Ummm... escaped large cats have been captured in the LP in the past.

So I would definitely say the fact that they have caught them is pretty much "verified proof".


----------



## miruss (Apr 18, 2003)

HTC said:


> That is not true. I heard about a guy who recently verified the existence of an unconfirmed report that unequivocally confirms their presence....just saying...you know what I mean? Maybe spend a little more time doing your homework before you post in absolutes.
> 
> 
> 
> ...


i think thats been photo shoped


----------



## moreychuck (Aug 19, 2006)

pescadero said:


> Actually, this isn't quite true.
> 
> Numerous cougars have been caught since 1906 in the LP.
> 
> They've all been escaped captive cougars - but some LP sightings have absolutely been real.

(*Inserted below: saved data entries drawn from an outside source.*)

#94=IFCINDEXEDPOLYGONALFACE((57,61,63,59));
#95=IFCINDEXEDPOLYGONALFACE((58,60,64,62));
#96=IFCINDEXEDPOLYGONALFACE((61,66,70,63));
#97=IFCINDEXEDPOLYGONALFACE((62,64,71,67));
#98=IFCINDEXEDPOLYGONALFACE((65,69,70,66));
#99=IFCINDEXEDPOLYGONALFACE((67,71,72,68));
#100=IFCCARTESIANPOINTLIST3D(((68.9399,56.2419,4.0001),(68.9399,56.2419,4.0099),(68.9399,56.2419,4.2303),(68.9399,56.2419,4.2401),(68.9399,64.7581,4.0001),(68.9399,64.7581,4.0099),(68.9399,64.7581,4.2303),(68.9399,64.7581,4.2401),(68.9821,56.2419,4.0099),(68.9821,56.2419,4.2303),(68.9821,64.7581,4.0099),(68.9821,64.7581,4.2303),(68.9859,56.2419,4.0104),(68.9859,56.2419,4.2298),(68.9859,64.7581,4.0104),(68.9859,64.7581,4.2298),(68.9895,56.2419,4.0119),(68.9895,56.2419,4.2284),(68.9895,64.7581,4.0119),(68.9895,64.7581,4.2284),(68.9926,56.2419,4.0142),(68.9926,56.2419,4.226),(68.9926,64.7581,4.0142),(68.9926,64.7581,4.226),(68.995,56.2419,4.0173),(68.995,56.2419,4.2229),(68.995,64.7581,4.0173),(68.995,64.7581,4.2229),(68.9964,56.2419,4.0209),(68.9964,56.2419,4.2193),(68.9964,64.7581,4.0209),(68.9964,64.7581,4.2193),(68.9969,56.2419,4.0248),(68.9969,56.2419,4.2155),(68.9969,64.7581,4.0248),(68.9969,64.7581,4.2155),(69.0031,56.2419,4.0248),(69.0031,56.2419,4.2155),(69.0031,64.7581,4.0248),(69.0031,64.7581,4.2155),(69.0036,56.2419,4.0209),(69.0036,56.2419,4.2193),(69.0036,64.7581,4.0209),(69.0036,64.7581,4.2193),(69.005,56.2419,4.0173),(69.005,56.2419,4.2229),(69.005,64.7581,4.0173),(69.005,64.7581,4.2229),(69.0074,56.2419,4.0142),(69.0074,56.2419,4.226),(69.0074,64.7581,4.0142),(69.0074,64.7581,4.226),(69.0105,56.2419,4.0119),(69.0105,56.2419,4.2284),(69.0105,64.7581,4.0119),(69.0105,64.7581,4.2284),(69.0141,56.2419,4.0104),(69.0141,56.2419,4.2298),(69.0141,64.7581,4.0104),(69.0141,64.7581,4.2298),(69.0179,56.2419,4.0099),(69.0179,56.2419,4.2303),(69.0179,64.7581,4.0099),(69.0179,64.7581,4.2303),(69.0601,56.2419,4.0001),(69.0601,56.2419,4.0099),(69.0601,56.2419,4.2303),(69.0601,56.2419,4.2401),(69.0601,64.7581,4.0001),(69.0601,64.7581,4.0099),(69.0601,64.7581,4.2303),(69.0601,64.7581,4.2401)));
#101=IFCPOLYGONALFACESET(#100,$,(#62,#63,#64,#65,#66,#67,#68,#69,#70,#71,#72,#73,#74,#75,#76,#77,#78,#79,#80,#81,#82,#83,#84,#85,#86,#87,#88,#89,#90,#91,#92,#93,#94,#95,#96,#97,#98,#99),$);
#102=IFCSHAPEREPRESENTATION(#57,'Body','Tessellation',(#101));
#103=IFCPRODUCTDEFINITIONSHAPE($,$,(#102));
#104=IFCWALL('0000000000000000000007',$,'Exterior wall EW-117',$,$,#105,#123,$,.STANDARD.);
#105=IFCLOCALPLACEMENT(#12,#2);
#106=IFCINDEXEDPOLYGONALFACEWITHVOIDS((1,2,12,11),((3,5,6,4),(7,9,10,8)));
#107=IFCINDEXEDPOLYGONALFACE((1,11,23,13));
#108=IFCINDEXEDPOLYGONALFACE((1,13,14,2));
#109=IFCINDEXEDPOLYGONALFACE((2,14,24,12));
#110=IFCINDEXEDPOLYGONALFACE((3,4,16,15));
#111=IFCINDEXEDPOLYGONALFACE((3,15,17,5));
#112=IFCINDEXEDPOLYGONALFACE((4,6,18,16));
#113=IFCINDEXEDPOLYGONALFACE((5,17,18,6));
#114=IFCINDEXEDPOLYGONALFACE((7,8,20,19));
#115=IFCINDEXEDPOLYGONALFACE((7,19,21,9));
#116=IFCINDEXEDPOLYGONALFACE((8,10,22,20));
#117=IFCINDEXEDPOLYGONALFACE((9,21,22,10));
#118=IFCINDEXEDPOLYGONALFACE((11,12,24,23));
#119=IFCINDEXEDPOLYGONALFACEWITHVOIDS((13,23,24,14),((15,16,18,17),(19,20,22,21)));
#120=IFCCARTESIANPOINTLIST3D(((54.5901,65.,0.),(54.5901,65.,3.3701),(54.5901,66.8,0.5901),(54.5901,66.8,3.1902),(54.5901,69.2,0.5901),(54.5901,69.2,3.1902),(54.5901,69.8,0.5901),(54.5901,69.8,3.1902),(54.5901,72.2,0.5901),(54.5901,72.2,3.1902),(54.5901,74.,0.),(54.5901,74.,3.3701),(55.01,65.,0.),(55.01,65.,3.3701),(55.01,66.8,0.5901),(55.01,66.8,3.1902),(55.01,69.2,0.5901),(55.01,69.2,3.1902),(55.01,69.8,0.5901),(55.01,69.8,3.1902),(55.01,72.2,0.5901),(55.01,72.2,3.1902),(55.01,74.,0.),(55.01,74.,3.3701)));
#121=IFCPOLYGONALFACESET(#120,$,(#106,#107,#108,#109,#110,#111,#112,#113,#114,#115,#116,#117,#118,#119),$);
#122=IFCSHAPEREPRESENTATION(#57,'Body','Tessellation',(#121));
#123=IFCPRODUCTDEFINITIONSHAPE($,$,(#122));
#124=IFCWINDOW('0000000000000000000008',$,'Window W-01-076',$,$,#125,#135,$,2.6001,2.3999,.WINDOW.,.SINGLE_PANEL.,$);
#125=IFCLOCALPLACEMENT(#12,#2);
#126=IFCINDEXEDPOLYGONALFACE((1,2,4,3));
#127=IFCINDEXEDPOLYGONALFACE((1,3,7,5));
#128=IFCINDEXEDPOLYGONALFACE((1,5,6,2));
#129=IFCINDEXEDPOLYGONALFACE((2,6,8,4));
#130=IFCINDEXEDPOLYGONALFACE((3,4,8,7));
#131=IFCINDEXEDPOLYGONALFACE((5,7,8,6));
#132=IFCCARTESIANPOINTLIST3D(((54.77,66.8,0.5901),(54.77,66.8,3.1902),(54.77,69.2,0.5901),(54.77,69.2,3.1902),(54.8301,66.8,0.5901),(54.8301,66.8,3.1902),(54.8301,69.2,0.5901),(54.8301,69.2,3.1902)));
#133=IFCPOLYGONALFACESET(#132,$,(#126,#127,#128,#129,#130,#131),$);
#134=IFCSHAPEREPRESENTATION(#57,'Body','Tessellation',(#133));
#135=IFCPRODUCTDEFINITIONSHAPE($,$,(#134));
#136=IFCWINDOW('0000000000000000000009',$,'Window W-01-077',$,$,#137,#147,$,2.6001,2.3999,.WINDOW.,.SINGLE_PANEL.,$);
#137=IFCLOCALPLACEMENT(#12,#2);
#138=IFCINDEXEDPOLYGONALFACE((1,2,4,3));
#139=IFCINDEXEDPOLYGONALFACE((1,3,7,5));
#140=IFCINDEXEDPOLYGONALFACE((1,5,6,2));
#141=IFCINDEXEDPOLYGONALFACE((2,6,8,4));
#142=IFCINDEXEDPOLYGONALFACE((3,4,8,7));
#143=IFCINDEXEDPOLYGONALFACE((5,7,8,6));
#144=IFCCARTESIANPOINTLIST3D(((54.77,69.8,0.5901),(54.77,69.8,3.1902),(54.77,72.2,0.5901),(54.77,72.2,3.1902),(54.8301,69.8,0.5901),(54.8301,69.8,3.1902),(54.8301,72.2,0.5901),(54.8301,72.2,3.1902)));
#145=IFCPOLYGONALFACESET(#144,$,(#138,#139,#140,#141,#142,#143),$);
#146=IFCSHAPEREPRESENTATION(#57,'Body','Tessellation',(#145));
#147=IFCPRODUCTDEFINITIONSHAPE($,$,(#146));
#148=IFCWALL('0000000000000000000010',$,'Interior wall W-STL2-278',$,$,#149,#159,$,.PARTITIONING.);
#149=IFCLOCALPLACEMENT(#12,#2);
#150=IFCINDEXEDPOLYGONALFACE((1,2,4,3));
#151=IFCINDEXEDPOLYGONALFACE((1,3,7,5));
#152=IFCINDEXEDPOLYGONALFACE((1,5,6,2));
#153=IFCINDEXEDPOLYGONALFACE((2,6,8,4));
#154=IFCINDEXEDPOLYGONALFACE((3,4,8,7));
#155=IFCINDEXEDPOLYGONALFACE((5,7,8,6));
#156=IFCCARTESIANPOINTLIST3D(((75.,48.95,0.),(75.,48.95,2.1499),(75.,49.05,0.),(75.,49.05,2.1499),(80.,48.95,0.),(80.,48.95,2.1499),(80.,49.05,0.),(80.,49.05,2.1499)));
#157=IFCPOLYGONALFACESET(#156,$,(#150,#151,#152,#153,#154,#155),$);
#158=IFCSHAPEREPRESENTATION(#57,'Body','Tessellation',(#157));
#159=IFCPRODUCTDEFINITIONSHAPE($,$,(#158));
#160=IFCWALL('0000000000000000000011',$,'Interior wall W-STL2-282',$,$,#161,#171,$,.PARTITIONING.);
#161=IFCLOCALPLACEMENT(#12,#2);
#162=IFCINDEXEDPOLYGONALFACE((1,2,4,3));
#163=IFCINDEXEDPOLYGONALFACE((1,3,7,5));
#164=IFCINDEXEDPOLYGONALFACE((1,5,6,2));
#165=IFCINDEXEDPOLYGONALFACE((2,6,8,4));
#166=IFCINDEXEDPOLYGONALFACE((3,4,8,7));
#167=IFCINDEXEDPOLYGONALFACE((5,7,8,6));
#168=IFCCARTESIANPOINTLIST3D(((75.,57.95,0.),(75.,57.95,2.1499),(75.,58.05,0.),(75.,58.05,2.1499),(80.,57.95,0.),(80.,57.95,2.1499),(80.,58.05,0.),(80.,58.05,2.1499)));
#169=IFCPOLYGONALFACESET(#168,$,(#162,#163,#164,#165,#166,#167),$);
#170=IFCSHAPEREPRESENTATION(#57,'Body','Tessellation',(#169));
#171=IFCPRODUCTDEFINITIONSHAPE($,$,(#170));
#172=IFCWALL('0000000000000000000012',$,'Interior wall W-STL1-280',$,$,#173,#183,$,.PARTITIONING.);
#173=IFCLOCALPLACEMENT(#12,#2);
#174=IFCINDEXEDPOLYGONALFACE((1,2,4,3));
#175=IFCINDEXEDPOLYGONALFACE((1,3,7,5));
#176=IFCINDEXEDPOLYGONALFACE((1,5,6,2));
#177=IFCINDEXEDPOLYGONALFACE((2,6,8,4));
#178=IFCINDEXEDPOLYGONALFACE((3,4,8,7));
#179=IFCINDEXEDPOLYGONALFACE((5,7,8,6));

 the ones in the upper have been Dakotas


----------



## Swamp Monster (Jan 11, 2002)

pescadero said:


> Ummm... escaped large cats have been captured in the LP in the past.
> 
> So I would definitely say the fact that they have caught them is pretty much "verified proof".


Again, escaped cats are irrelevant. 
And just when was the last "pet" Cougar captured in the LP? I know some were confiscated from owners illegal pens but how many escapees have been captured. 

Heck, you'd think the Cougar mecca of the Midwest, Sleeping Bear Dunes would have been able to prove they exist and yet, all we have are fancy human made signs and second hand info to show for all that talk. 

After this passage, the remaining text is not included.